Unsurprisingly, the questions raised by the audience centered on whether and how the Gordian knot of the HK protests could be unpicked. Was the potential for a negotiated resolution dimming or was a sense of urgency going to pave the way for an accelerated approach?

Weighing in with salient points turning on the rise and fall of China vs. Hong Kong, Regina Ip noted, “you don’t have to be pro Hong Kong, and anti-China, but the lack of identification with China on the part of a lot of young people is a fact. And it’s not something that is easy to fix. There is a sense,” she stated “that many of HK’s young people don’t see a way forward.  There’s a… loss of hope, because of our declining competitiveness in many areas. There’s a sense of China rising, and Hong Kong falling.” The solution wasn’t easy – but neither did she believe the current status to be “permanent.”

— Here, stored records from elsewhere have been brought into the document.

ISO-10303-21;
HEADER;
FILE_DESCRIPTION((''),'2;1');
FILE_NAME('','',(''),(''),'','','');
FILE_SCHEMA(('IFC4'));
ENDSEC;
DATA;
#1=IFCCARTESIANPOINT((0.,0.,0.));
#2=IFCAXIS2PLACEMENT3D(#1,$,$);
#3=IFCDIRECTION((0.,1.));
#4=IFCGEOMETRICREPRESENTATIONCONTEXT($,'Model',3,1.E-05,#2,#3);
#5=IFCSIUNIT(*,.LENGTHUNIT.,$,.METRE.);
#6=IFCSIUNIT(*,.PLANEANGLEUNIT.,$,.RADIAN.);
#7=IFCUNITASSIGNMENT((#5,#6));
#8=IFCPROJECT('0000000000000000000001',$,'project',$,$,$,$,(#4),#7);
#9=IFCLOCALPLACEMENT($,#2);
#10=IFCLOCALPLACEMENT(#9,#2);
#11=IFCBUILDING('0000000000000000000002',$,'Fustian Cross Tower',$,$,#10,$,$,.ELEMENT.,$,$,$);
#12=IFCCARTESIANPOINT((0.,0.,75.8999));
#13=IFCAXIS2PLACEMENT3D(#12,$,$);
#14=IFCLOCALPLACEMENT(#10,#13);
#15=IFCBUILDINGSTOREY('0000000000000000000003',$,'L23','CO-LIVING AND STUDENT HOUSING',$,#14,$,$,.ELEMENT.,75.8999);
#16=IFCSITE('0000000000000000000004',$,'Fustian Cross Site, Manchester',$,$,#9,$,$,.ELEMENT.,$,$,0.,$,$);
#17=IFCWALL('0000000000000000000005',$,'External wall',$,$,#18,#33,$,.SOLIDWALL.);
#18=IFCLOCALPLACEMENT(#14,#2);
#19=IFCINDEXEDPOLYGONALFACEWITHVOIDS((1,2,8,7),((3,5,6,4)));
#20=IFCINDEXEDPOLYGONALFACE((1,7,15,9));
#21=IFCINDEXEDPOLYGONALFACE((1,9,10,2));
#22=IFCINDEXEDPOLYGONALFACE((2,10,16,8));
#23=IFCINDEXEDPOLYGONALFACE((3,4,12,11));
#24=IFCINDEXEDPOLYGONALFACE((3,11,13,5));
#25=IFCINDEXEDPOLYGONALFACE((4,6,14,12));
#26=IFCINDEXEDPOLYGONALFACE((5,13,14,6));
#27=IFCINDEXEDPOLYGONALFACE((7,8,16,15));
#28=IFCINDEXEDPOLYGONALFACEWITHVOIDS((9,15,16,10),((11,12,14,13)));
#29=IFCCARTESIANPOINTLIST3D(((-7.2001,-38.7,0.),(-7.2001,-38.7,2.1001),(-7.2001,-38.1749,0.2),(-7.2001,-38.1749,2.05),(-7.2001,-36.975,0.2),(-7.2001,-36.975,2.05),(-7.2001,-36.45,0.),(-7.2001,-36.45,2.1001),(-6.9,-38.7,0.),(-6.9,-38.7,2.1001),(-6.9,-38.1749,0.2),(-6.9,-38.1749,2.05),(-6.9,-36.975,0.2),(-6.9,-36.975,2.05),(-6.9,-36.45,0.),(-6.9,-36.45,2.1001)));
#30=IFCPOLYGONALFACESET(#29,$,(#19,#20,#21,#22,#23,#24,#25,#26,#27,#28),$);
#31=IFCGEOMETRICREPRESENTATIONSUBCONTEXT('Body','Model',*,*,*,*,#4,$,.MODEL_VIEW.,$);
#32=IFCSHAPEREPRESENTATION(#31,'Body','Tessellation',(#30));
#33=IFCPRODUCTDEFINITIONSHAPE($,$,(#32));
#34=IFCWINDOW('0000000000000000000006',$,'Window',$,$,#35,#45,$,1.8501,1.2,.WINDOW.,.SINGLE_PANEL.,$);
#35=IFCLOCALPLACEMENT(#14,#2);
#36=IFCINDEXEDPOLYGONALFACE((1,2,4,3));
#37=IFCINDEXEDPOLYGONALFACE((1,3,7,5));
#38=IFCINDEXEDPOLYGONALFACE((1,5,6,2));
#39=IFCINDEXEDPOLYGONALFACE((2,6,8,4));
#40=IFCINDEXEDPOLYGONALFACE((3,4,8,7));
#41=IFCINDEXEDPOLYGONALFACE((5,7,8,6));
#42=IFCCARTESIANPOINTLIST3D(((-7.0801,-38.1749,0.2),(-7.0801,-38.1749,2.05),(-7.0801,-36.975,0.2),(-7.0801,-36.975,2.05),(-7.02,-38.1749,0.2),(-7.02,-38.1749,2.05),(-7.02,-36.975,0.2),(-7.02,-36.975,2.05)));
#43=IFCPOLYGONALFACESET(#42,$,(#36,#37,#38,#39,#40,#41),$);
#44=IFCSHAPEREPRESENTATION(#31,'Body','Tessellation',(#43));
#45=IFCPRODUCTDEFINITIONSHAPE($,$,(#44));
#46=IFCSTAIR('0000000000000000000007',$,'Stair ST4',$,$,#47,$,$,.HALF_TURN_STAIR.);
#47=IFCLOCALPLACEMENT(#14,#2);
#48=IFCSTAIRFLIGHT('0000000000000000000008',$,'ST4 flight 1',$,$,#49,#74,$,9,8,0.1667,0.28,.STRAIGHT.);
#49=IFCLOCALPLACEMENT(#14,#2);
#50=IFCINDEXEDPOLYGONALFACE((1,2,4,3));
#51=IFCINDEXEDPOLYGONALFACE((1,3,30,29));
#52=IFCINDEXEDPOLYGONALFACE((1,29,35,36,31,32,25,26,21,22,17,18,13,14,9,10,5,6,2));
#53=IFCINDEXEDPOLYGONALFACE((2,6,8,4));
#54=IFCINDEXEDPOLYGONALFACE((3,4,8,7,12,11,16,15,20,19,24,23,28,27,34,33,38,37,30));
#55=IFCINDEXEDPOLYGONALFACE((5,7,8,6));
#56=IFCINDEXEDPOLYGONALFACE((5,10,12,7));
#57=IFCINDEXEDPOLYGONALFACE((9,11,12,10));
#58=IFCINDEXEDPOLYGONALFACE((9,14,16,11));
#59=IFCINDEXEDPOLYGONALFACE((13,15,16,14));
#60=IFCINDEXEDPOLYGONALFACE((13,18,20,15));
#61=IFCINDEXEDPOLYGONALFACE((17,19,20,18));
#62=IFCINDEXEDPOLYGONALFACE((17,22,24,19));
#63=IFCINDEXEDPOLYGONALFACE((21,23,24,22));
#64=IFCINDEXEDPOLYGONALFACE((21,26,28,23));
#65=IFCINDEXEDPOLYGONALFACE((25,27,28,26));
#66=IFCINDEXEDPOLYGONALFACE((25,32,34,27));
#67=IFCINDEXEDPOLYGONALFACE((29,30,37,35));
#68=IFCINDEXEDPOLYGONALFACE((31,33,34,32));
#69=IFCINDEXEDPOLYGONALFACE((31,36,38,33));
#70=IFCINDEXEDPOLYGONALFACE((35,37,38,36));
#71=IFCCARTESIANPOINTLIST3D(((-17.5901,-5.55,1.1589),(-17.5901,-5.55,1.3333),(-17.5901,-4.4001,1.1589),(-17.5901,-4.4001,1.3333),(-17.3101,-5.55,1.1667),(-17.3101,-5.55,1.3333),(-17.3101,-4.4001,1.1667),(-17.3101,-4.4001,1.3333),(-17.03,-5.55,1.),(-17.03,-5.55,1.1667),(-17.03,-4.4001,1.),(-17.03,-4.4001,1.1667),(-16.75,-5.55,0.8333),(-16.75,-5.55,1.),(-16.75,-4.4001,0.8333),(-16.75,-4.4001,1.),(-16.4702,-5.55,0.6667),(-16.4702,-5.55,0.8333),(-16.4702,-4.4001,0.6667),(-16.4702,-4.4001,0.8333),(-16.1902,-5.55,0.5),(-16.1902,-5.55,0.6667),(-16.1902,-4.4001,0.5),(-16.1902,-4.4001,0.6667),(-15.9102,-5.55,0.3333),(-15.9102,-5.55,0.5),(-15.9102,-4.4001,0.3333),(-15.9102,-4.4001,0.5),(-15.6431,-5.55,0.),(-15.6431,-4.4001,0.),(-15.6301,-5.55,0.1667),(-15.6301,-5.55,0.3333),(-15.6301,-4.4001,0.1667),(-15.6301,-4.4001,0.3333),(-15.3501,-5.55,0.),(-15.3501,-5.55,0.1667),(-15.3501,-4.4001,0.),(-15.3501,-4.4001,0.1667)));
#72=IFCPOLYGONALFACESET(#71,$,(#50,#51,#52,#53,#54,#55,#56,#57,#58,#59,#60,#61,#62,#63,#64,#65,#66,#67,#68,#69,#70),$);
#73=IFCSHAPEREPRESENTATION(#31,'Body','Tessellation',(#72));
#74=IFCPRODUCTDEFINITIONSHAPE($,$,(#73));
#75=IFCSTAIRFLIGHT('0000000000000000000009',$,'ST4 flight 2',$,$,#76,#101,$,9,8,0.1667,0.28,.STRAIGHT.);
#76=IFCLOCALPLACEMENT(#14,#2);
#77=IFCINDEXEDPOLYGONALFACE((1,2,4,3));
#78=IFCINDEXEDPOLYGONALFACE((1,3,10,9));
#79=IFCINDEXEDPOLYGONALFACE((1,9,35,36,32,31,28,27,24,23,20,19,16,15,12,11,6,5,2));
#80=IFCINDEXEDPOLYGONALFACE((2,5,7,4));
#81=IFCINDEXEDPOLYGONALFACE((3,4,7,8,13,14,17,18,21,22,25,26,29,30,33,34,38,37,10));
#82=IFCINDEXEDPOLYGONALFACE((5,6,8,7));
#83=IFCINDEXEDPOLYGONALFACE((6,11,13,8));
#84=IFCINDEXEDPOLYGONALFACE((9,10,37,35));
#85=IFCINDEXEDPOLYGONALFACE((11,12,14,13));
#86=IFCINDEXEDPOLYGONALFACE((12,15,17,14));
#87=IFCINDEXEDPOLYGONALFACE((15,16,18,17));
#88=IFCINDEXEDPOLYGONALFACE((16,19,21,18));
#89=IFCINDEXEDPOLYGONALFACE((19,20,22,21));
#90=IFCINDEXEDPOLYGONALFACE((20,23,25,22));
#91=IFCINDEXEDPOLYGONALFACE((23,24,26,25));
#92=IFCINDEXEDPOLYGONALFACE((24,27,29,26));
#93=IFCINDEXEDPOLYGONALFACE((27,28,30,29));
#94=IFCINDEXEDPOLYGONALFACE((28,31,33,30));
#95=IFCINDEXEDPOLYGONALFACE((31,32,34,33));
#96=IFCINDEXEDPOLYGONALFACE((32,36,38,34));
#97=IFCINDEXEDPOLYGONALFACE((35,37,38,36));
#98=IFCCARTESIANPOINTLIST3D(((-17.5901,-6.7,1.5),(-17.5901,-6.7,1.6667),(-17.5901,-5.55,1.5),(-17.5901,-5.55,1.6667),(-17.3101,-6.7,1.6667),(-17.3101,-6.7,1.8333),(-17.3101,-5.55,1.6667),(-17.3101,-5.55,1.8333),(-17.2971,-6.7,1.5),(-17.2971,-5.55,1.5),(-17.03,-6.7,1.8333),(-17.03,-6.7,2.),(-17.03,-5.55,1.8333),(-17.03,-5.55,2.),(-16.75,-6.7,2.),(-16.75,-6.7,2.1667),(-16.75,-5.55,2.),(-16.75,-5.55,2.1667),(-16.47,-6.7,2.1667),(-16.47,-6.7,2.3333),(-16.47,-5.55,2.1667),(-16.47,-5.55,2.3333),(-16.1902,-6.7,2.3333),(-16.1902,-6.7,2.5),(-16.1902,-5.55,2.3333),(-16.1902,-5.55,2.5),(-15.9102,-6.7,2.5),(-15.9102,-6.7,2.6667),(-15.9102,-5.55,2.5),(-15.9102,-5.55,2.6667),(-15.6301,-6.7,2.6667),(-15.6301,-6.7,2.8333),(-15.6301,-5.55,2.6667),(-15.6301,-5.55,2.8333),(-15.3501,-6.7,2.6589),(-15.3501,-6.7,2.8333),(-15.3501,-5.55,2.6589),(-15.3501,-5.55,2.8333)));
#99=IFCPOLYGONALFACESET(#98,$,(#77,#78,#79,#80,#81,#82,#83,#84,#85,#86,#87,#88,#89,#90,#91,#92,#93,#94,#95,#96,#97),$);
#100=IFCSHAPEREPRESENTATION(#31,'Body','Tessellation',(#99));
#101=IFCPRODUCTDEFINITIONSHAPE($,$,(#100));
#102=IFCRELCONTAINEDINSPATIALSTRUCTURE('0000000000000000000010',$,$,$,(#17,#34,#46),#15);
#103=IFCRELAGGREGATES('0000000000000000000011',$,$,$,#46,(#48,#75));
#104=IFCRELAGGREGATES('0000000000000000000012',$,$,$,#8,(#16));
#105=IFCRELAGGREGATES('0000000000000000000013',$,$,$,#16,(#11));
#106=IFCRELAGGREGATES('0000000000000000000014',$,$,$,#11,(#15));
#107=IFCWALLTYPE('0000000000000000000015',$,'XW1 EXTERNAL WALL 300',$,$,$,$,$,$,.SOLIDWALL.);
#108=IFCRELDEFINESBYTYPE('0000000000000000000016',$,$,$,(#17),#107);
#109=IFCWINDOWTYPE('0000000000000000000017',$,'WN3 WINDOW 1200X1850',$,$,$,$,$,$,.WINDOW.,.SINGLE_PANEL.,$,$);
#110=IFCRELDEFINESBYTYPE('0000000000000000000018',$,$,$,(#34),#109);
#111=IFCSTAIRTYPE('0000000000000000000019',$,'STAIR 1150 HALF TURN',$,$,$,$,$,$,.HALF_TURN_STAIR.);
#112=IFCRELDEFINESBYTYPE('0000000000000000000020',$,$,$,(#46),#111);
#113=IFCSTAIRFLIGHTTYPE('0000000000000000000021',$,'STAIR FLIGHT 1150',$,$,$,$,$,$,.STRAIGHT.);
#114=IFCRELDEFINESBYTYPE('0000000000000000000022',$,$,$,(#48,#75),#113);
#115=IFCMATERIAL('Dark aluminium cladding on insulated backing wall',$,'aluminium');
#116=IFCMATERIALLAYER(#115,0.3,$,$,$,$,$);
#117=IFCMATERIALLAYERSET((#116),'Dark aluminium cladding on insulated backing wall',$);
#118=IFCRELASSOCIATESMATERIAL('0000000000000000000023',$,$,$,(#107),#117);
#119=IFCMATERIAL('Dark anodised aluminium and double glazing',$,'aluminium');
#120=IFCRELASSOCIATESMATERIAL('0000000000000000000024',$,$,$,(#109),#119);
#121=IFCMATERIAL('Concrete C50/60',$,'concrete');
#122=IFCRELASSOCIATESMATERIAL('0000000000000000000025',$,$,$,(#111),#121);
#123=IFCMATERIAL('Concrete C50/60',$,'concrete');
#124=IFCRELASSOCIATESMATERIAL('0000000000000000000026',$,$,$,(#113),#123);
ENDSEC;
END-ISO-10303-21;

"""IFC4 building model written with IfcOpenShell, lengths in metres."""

from ifc_helpers import new_model, si_unit, direction, frame, frame_2d, origin, place, context, subcontext, project, spatial, polyline, rectangle, outline, extrude, material, layer, layer_set, type_object, element, fill, aggregate, save


model = new_model("IFC4")

# Units and contexts
model_context = context("Model", 3, precision=1e-05, world=origin(), true_north=direction((0.0, 1.0)))
body_context = subcontext(model_context, "Body", "Model", "MODEL_VIEW")
ifc_project = project(units=[si_unit("LENGTHUNIT", "METRE"), si_unit("PLANEANGLEUNIT", "RADIAN")], contexts=[model_context])

# Site, building, storey
site_placement = place(None, origin())
site = spatial("IfcSite", under=ifc_project, at=site_placement, Name="Fustian Cross Site, Manchester", CompositionType="ELEMENT", RefElevation=0.0)
building_placement = place(site_placement, origin())
building = spatial("IfcBuilding", under=site, at=building_placement, Name="Fustian Cross Tower", CompositionType="ELEMENT")
storey_placement = place(building_placement, frame((0.0, 0.0, 75.8999)))
storey = spatial("IfcBuildingStorey", under=building, at=storey_placement, Name="L23", Description="CO-LIVING AND STUDENT HOUSING", CompositionType="ELEMENT", Elevation=75.8999)

# Shared definitions
ifc_material_1 = material(Name="Dark aluminium cladding on insulated backing wall", Category="aluminium")
ifc_layer_1 = layer(ifc_material_1, 0.3)
ifc_layer_set_1 = layer_set([ifc_layer_1], Name="Dark aluminium cladding on insulated backing wall")
wall_type_1 = type_object("IfcWallType", Name="XW1 EXTERNAL WALL 300", PredefinedType="SOLIDWALL", material=ifc_layer_set_1)

# Shared definitions
ifc_material_2 = material(Name="Dark anodised aluminium and double glazing", Category="aluminium")
window_type_1 = type_object("IfcWindowType", Name="WN3 WINDOW 1200X1850", PartitioningType="SINGLE_PANEL", PredefinedType="WINDOW", material=ifc_material_2)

Despite noting that the “genie could not be put back in the bottle,” Daniel Fung SC was relatively more bullish about the crisis in HK than his counterparts on the panel given that as he stated, “HK has always been a win-win-win, historically; for HK, for China and for the outside world.” According to Daniel, there were ways to capitalize on the gains in the wake of the protests and indeed, gains had been made insofar as achieving concrete results by first securing the suspension of the bill and second by achieving the withdrawal of the bill. Time, was critical, he asserted, going on to say that “there was a time and tide in the affairs of men.”  In his view, there was no reason why the One country Two systems precept couldn’t continue after June 30th 2047 because China took the approach that if it ain’t broke, then don’t fix it. He maintained that “nobody argued against One Country, Two Systems except for perhaps a marginalized majority who advocate independence” – but as Daniel decried this was “pie in the sky.” Given that he was instrumental in the drafting of the Basic Law in 1985, he noted that the One Country Two systems solution didn’t mean that the lights had to go off at the stroke of midnight on 30 June 2047. There was certainly scope for One Country, Two Systems to continue.

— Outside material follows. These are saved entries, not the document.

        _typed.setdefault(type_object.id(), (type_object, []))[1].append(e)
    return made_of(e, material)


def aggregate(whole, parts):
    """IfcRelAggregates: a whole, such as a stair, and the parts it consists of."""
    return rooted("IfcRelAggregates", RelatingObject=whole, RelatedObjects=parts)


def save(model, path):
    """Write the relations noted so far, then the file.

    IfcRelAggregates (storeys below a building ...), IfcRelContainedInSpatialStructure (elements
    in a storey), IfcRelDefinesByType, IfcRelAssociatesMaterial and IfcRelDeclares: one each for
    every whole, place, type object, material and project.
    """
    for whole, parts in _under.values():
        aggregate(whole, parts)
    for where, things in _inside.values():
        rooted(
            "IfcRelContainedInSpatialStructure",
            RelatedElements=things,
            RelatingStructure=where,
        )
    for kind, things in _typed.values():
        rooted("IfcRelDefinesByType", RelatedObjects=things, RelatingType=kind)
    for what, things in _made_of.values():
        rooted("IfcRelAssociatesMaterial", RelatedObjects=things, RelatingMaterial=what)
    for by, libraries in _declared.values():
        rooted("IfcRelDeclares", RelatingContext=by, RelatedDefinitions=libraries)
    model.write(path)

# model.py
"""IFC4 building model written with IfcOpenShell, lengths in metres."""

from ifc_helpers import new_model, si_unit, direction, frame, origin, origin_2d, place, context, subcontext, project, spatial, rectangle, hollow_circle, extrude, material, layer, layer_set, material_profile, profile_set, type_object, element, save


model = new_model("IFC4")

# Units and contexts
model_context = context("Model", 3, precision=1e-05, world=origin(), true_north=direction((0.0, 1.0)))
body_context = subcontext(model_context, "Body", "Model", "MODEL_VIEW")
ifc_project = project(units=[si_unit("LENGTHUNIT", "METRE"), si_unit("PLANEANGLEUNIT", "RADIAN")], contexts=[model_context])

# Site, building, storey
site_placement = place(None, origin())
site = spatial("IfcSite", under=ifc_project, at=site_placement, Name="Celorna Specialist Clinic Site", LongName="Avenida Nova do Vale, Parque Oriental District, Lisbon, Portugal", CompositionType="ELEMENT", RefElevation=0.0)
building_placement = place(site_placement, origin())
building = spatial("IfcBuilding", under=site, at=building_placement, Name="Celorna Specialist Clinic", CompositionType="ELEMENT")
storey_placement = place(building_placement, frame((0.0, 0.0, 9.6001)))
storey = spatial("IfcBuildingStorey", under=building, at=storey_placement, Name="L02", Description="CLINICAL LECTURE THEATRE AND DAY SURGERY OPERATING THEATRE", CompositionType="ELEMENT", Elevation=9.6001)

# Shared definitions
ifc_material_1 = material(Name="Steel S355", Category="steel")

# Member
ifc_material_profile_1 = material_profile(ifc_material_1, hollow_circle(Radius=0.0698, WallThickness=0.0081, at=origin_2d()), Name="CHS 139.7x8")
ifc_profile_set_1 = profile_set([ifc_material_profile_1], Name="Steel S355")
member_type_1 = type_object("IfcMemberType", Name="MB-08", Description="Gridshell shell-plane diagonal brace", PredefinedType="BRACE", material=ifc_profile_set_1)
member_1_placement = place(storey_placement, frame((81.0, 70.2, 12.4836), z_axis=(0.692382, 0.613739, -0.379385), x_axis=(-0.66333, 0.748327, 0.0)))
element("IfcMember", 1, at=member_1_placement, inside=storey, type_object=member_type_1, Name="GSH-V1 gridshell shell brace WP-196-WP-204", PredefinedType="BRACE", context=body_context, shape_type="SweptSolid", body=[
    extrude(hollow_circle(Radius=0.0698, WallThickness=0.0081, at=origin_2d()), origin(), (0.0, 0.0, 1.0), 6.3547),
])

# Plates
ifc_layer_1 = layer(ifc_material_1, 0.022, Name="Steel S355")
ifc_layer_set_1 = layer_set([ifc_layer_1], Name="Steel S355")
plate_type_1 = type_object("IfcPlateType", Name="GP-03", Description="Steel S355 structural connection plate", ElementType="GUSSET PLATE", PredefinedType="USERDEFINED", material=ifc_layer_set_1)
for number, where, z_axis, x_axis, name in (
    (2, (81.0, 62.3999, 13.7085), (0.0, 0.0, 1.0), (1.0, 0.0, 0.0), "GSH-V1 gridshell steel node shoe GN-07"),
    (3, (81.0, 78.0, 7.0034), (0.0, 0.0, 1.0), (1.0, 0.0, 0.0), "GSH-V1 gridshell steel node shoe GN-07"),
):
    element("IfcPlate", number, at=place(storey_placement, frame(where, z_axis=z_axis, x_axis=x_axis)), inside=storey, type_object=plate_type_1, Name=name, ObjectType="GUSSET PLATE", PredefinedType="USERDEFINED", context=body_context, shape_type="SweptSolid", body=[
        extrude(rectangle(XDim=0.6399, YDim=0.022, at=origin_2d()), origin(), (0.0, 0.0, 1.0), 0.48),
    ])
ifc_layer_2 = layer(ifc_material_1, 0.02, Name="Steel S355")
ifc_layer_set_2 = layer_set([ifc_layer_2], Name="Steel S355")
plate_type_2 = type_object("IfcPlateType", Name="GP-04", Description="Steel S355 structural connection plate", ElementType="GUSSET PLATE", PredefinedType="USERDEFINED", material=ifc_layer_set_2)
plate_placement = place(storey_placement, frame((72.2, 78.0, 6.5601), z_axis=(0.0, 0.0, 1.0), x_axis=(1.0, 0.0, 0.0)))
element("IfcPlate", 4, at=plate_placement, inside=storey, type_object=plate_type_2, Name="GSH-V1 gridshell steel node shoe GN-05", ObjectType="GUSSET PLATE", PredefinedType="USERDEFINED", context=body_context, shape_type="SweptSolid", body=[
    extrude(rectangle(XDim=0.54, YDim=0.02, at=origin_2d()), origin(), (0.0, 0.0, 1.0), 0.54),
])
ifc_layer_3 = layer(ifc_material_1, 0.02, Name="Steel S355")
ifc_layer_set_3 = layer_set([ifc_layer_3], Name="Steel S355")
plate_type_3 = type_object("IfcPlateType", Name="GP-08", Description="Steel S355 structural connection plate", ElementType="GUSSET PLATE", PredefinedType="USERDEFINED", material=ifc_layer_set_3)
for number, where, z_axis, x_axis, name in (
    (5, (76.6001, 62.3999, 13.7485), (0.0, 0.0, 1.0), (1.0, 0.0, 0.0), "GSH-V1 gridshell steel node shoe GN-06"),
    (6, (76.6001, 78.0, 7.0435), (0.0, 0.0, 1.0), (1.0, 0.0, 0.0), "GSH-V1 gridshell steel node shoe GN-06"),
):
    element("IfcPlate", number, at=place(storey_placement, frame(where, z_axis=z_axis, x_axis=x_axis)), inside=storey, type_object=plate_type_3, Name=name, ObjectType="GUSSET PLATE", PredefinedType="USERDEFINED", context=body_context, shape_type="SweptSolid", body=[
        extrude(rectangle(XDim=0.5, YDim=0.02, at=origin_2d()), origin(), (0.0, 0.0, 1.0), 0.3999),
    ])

Some split-screen thinking later emerged on the stage when Mary Hui suggested that large scale peaceful marches were a great way to express what protesters wanted given that this was a form of dialogue. Taking a different view, Steve Vickers expressed that he did not see an endgame if the marches continued and that the violence that had accompanied the protests were “disastrous” for Hong Kong. He believed that leaderless protests were unsustainable given that a leader was needed to instigate a dialogue.

Echoing this sentiment, Daniel too observed that there was an inverse relationship between the level of violence and the size of the protesting crowd  – noting that the escalating violence had to make up for the declining numbers.

Daniel’s message was an appeal to dial down the rhetoric and to “lower the temperature given that time is an effective balm.” He suggested that a Commission of Inquiry be set up as this has historically worked for HK so there was no reason it couldn’t work now. It also offered a prospective solution geared towards looking ahead and would have the desired effect of generating a dialogue which could be an effective tool to address the undercurrent that had arisen.

Listen to the video below to hear more of Daniel’s current thinking on the origins of the One Country Two Systems ‘mantra.’

https://vimeo.com/363722172

Keynote speakers at the conference included Max Baucus, former US Ambassador to China during Obama’s administration and Evan Madeiros, a former advisor to Barack Obama.